Hablar de Iglesia y derechos humanos –desde
la Declaración de 1789- significa afrontar el nudo de la relación de esta
institución con la modernidad.
Lo tiene muy presente Daniele Menozzi, que
recorre con gran atención las posiciones tomadas sobre la cuestión por la
jerarquía eclesiástica en el libro Chiesa e diritti umani (il Mulino),
consciente de que sobre este tema se ha abierto desde el inicio un debate.
Los Papas del siglo XIX condenaron la
Declaración en cuanto que la veían, con buenas razones, como «un camino de
emancipación de la institución civil de la dirección de la Iglesia sobre la
sociedad». En pocas palabras, pensaban que los derechos de los seres humanos,
necesariamente mudables, se oponían a los de Dios, fundados en la verdad y por
tanto eternos, de los que era depositaria la Iglesia.

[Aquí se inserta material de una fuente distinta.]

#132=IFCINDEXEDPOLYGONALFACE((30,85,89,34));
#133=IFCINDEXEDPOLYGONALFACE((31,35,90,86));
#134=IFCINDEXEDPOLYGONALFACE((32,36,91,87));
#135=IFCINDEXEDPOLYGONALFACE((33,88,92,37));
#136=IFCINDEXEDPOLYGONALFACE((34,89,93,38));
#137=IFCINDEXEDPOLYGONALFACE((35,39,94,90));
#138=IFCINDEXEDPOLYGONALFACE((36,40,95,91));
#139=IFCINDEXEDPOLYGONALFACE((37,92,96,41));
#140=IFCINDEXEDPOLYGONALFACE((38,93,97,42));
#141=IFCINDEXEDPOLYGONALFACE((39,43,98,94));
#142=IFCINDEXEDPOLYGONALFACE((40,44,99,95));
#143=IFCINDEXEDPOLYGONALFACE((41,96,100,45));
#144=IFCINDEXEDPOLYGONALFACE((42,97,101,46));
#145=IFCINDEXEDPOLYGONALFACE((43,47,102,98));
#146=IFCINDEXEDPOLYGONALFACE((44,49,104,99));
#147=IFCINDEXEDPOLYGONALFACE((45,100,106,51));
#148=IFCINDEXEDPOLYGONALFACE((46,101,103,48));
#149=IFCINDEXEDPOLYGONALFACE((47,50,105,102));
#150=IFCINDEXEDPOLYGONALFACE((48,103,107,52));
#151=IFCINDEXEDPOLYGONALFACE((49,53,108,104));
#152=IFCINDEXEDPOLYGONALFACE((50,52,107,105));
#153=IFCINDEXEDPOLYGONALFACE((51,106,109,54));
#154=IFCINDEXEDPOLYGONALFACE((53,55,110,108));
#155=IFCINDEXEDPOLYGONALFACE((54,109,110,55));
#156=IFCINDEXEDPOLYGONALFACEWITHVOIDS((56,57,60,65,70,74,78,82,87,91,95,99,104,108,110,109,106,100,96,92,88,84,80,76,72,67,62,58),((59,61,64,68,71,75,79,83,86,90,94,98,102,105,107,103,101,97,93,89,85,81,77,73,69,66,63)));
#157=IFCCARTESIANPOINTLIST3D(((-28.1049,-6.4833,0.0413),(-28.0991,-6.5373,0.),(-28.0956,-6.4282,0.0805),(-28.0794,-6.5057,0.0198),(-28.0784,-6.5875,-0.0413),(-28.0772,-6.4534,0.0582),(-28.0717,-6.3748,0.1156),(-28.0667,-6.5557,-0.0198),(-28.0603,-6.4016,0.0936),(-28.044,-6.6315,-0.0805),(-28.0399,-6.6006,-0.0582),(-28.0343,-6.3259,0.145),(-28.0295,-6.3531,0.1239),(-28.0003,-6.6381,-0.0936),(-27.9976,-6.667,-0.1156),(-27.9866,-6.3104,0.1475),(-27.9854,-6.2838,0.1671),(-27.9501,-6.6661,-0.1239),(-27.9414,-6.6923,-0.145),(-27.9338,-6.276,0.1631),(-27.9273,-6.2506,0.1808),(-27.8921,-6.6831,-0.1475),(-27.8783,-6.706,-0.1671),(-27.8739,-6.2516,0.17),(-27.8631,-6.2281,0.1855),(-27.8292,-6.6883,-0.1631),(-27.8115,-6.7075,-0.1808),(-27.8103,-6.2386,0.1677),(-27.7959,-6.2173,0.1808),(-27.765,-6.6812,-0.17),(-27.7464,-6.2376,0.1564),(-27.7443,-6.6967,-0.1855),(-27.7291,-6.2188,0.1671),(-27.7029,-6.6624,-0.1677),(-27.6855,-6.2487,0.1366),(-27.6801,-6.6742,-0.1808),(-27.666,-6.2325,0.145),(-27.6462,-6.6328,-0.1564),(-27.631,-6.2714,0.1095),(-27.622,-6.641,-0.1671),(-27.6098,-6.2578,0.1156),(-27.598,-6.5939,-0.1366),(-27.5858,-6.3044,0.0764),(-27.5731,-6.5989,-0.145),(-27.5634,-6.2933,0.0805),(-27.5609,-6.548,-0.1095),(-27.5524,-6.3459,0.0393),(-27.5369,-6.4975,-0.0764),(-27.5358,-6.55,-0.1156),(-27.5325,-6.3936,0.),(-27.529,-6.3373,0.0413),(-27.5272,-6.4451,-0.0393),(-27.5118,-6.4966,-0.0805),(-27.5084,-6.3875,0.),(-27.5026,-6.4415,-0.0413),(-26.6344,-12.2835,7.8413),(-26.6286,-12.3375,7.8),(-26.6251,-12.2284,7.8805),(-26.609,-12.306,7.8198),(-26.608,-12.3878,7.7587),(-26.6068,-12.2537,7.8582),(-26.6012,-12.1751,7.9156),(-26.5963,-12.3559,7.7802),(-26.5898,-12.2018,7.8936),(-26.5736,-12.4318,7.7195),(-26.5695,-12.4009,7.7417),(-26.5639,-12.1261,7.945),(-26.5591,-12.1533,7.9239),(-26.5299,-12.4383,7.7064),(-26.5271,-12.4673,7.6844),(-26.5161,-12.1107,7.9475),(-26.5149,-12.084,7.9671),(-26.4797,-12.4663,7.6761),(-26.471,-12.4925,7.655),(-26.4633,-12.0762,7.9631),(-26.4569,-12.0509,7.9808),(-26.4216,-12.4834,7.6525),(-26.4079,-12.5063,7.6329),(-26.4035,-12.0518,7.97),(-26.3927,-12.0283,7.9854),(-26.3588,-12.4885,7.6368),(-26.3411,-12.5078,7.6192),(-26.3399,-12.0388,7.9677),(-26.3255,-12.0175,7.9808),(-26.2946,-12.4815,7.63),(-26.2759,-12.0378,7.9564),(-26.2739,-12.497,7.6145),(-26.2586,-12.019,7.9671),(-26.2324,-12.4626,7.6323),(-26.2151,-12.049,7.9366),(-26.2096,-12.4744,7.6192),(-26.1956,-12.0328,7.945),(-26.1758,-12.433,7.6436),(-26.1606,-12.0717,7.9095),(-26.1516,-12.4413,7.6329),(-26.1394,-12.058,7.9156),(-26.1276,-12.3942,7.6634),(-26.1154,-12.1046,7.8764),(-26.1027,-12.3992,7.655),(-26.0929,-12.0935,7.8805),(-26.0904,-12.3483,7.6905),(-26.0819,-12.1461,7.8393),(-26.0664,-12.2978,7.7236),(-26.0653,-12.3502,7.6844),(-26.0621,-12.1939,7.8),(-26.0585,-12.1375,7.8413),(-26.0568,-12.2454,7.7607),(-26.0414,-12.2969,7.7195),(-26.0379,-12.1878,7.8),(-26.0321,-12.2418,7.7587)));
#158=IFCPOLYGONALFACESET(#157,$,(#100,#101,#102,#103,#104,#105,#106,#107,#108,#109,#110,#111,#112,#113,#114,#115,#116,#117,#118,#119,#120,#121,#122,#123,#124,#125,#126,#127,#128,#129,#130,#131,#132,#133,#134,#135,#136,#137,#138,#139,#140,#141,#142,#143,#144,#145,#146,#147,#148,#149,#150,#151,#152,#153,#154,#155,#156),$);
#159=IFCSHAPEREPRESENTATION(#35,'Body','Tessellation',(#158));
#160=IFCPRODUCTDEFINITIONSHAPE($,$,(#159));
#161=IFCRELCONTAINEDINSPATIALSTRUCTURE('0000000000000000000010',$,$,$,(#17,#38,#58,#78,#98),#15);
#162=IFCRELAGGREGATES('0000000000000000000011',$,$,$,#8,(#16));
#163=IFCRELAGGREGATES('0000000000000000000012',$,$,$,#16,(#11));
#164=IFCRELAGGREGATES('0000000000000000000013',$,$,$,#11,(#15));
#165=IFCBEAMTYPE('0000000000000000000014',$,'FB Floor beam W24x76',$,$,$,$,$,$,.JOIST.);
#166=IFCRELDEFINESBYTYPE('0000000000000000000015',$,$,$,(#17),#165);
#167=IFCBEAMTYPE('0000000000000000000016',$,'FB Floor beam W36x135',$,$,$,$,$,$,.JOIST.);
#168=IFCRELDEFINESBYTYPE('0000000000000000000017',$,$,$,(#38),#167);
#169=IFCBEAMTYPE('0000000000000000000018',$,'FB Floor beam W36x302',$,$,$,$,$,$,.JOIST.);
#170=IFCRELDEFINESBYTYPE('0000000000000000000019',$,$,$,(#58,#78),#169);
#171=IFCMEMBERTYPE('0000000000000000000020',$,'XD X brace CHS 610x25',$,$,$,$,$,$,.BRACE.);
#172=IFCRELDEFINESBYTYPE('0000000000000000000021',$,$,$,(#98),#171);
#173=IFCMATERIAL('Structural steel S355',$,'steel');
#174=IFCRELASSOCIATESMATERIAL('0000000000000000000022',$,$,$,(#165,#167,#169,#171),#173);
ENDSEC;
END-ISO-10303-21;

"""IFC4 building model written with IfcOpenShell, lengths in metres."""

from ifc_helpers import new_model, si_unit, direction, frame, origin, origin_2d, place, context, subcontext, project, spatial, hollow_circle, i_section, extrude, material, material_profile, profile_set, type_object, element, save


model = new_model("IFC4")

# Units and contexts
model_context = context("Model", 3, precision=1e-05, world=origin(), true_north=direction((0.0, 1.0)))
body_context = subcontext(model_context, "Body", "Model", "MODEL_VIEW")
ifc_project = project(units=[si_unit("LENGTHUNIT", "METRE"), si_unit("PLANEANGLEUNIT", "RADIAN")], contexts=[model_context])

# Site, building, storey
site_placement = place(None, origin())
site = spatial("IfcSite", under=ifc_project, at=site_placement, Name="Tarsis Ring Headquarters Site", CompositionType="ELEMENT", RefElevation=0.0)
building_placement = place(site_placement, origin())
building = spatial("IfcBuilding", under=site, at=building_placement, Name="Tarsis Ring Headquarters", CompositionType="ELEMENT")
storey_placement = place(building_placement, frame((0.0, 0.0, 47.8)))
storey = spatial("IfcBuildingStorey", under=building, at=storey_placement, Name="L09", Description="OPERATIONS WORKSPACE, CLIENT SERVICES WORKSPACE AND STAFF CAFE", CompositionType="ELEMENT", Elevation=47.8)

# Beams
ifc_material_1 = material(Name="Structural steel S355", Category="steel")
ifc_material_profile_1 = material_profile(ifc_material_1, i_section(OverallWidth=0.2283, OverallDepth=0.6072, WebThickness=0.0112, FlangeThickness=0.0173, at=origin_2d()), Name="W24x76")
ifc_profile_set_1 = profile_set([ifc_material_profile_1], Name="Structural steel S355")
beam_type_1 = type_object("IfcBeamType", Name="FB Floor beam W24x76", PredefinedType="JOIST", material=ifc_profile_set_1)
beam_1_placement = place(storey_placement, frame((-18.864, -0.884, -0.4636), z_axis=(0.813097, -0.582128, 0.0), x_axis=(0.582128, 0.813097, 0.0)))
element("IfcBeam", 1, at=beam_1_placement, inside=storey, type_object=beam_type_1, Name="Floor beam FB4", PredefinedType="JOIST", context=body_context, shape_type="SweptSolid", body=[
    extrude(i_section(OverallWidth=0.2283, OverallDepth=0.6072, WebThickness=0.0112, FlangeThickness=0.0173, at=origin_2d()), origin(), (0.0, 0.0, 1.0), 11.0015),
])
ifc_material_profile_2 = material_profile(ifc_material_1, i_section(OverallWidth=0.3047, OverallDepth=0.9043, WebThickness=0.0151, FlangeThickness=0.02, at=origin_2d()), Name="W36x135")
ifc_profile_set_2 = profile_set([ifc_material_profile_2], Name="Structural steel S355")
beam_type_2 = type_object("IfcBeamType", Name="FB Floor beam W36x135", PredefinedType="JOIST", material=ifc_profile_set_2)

Pero las vejaciones políticas y económicas a
las que muchos regímenes laicos habían sometido a la Iglesia impusieron pronto
una mayor ductilidad: los derechos comenzaron a ser invocados para obtener la
libertad religiosa y de enseñanza. Pero el viraje teórico fundamental es el de
León XIII, que abre a los derechos económico-sociales, pero también a la idea
de que los derechos humanos son positivos,
porque dependen de la ley natural querida por Dios, custodiada por la Iglesia.
El objetivo propuesto a los católicos, sin
embargo, no es la realización de los derechos, sino la realización, incluso en
el ámbito social, del reino de Cristo, proyecto que por desgracia va acompañado
a menudo por posiciones hostiles respecto de los judíos, para los que se pide
sí la suspensión de toda violencia, pero no la igualdad. Un conflicto entre
verdad y libertad, por consiguiente, que de hecho cae ante las grandes
dictaduras. Estas hacen redescubrir a los opositores católicos –como el obispo
Clemens August von Galen- la importancia de los derechos humanos. Pero es
también su desprecio por parte de las mismas dictaduras ateas lo que contribuye
a reforzar, en la cultura católica, la idea de que sólo la fundación
trascendente de la persona da la posibilidad de atribuir al hombre el valor
absoluto que está en la base de los derechos. Y lo vemos –pero Menozzi no lo
nota- ya en la condena de la eugenesia, contenida en la encíclica Casti
connubii (1930), única entre las voces autorizadas de esa época.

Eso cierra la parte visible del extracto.